Take next the makers of the statues; do not they shame the sensible among you into a contempt for mere matter? The Athenian Pheidias inscribed on the finger of Olympian Zeus, “Pantarces is beautiful,” though it was not Zeus Pantarces whom he though beautiful, but his own favourite of that name. Praxiteles, as Poseidippus shows clearly in his book on Cnidus, when fashioning the statue of Cnidian Aphrodite, made the goddess resemble the form of his mistress Cratina, that the miserable people might have the sculptor’s mistress to worship. When Phryne the Thespian courtesan was in her flower, the painters used all to imitate her beauty in their pictures of Aphrodite, just as the marble-masons copied Alcibiades in the busts of Hermes at Athens. It remains to bring your own judgment into play, and decide whether you wish to extend your worship to courtesans.

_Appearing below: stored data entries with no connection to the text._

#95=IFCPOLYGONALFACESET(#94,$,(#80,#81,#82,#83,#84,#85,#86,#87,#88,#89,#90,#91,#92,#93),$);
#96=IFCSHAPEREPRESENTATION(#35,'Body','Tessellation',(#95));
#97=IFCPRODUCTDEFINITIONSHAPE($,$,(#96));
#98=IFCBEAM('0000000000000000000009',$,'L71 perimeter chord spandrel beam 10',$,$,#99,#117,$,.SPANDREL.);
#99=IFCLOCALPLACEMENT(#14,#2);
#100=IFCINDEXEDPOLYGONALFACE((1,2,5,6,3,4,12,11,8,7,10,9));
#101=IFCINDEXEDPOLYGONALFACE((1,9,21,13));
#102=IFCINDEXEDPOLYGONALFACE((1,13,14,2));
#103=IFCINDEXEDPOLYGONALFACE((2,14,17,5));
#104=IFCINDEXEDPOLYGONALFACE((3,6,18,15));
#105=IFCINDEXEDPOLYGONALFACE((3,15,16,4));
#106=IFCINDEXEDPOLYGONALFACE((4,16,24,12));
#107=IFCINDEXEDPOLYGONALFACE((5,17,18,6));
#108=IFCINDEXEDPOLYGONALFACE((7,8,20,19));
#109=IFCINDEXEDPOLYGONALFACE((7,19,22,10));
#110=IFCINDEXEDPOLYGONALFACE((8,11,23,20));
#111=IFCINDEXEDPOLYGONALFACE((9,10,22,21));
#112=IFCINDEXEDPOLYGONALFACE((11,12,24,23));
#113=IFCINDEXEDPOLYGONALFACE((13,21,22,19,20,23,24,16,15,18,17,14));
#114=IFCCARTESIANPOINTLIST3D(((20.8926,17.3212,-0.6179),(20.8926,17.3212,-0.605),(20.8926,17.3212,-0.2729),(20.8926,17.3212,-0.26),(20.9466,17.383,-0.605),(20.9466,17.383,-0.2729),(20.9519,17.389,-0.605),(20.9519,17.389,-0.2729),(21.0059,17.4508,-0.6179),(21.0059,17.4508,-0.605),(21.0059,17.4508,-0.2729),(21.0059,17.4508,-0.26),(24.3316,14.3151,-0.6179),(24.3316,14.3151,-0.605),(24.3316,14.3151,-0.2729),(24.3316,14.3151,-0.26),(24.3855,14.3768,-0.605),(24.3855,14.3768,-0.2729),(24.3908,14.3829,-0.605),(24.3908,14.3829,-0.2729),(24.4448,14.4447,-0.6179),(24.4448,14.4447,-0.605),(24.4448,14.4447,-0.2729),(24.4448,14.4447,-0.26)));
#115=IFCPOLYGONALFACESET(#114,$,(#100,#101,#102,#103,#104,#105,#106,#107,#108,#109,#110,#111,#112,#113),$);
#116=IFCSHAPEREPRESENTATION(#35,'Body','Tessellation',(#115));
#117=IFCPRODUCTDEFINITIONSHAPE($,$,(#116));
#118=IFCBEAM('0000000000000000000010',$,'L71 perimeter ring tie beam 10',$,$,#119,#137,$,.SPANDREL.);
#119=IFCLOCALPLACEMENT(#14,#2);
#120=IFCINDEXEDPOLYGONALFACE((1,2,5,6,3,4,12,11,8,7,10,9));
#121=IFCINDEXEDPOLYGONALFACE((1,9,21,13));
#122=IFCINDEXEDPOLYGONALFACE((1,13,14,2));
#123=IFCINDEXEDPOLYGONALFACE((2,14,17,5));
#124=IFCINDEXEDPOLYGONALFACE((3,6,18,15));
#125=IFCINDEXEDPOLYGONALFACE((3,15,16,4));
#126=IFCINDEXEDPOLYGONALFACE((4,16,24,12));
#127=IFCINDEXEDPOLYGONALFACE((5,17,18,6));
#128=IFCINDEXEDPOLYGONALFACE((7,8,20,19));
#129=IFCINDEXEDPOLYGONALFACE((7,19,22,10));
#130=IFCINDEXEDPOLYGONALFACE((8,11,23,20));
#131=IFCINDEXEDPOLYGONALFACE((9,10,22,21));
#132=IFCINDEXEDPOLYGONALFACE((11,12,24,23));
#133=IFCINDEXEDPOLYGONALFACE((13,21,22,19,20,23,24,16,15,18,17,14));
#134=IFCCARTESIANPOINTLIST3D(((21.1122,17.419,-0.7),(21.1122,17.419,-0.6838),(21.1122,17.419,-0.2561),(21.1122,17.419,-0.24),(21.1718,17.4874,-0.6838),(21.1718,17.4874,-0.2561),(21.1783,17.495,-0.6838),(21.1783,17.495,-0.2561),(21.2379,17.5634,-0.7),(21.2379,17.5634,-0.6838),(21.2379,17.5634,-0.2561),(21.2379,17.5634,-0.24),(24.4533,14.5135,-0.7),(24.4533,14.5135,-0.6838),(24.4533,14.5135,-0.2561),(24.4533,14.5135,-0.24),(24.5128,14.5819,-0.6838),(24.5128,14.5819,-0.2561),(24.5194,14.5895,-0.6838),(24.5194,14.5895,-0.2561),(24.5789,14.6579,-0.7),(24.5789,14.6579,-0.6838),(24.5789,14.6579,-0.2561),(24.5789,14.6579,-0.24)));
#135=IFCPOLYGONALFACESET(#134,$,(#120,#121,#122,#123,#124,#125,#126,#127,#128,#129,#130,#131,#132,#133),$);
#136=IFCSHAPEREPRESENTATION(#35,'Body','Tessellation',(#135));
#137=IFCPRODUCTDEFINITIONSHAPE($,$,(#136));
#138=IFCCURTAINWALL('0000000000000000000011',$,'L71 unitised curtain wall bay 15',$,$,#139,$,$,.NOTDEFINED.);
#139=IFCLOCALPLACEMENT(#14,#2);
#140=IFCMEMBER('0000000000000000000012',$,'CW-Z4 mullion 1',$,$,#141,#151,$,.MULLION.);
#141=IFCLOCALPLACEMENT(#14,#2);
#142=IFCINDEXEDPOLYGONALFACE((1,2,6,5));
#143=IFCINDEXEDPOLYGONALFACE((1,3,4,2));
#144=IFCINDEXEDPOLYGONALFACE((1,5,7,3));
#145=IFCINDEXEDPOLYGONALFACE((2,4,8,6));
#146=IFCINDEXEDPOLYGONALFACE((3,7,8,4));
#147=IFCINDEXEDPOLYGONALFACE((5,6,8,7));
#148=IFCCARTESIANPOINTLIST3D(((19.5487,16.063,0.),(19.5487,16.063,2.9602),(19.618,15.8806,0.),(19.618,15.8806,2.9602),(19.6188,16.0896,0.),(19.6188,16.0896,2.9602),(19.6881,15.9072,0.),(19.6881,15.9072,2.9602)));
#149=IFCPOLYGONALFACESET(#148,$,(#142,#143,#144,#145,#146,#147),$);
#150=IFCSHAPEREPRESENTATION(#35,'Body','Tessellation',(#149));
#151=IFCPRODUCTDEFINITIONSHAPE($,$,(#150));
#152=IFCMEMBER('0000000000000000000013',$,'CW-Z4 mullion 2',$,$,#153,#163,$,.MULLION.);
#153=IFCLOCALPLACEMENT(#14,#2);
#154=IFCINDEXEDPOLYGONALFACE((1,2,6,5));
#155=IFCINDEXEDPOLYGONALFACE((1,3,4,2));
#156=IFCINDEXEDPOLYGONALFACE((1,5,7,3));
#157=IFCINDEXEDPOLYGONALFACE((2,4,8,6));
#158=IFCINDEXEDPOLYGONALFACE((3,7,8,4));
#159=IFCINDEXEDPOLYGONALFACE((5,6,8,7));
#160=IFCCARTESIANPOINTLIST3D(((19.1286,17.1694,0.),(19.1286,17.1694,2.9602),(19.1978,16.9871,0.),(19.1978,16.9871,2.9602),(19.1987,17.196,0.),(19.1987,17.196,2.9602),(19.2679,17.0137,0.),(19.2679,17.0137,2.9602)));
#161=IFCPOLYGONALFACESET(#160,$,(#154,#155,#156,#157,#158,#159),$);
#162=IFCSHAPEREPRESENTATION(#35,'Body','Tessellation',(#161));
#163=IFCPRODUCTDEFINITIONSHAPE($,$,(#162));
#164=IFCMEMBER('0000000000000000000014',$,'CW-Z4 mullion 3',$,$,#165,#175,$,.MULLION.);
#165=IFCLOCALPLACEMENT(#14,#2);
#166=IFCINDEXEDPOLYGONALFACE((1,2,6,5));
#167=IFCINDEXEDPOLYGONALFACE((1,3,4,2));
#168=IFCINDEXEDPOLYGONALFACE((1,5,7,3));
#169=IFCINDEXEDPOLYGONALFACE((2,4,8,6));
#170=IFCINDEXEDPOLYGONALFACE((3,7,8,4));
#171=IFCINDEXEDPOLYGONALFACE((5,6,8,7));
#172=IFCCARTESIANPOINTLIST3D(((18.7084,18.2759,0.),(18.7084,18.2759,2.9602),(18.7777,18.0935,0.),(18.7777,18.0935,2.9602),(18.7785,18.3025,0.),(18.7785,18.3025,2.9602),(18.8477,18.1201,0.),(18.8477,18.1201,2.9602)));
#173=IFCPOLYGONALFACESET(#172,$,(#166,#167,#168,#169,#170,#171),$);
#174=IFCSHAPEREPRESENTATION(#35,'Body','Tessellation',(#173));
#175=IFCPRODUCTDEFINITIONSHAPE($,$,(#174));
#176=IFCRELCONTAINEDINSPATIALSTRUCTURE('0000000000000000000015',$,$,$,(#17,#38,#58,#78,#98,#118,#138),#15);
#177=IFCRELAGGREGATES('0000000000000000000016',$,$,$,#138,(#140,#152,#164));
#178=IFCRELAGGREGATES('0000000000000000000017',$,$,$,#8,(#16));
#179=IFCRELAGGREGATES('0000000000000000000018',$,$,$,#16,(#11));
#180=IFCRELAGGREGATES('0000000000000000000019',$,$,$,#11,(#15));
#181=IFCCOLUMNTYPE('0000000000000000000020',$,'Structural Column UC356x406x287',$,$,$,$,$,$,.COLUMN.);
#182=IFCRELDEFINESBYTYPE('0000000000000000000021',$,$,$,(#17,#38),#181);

Such were the facts, I think, that moved the kings of old, in their contempt for these legends, to proclaim themselves gods; which they did without hesitation, since there was no danger from men. In this way they teach us that the other gods were also men, made immortal for their renown. Ceyx the son of Aeolus was addressed as Zeus by his wife Alcyone, while she in turn was addressed as Hera by her husband. Ptolemy the fourth was called Dionysus, as was also Mithridates of Pontus. Alexander wished to be thought the son of Ammon, and to be depicted with horns by the sculptors, so eager was he to outrage the beautiful face of man by a horn. Aye, and not kings only, but private persons too used to exalt themselves with divine titles, as Menecrates the doctor, who was styled Zeus. Why need I reckon Alexarchus? As Aristus of Salamis relates, he was a scholar in virtue of his knowledge, but he transformed himself into the Sun-god (Helius). And why mention Nicagoras, a man of Zeleia by race, living in the time of Alexander, who was addressed as Hermes and wore the garb of Hermes, according to his own evidence? For indeed whole nations and cities with all their inhabitants, putting on the mask of flattery, belittle the legends about the gods, mere men, puffed up with vain-glory, transforming men like themselves into the equals of the gods and voting them extravagant honours. At one time they establish by law at Cynosarges the worship of Philip the son of Amyntas, the Macedonian from Pella, him of the “broken collar-bone and lame leg,” with one eye knocked out. At another, they proclaim Demetrius to be a god in his turn; and the spot where he dismounted on entering Athens is now a temple of Demetrius the Alighter (Cataebatus), while his altars are everywhere. Arrangments were being made by the Athenians for his marriage with Athena, but he disdained the goddess, not being able to marry her statue. He went up the Acropolis, however, in company with the courtesan Lamia, and lay with her in Athena’s bridal chamber, exhibiting to the old virgin the postures of the young courtesan. We must not be angry, therefore, even with Hippo, who represented his death as a deification of himself. This Hippo ordered the following couplet to be inscribed on his monument:

Behold the tomb of Hippo, whom in death Fate made an equal of the immortal gods.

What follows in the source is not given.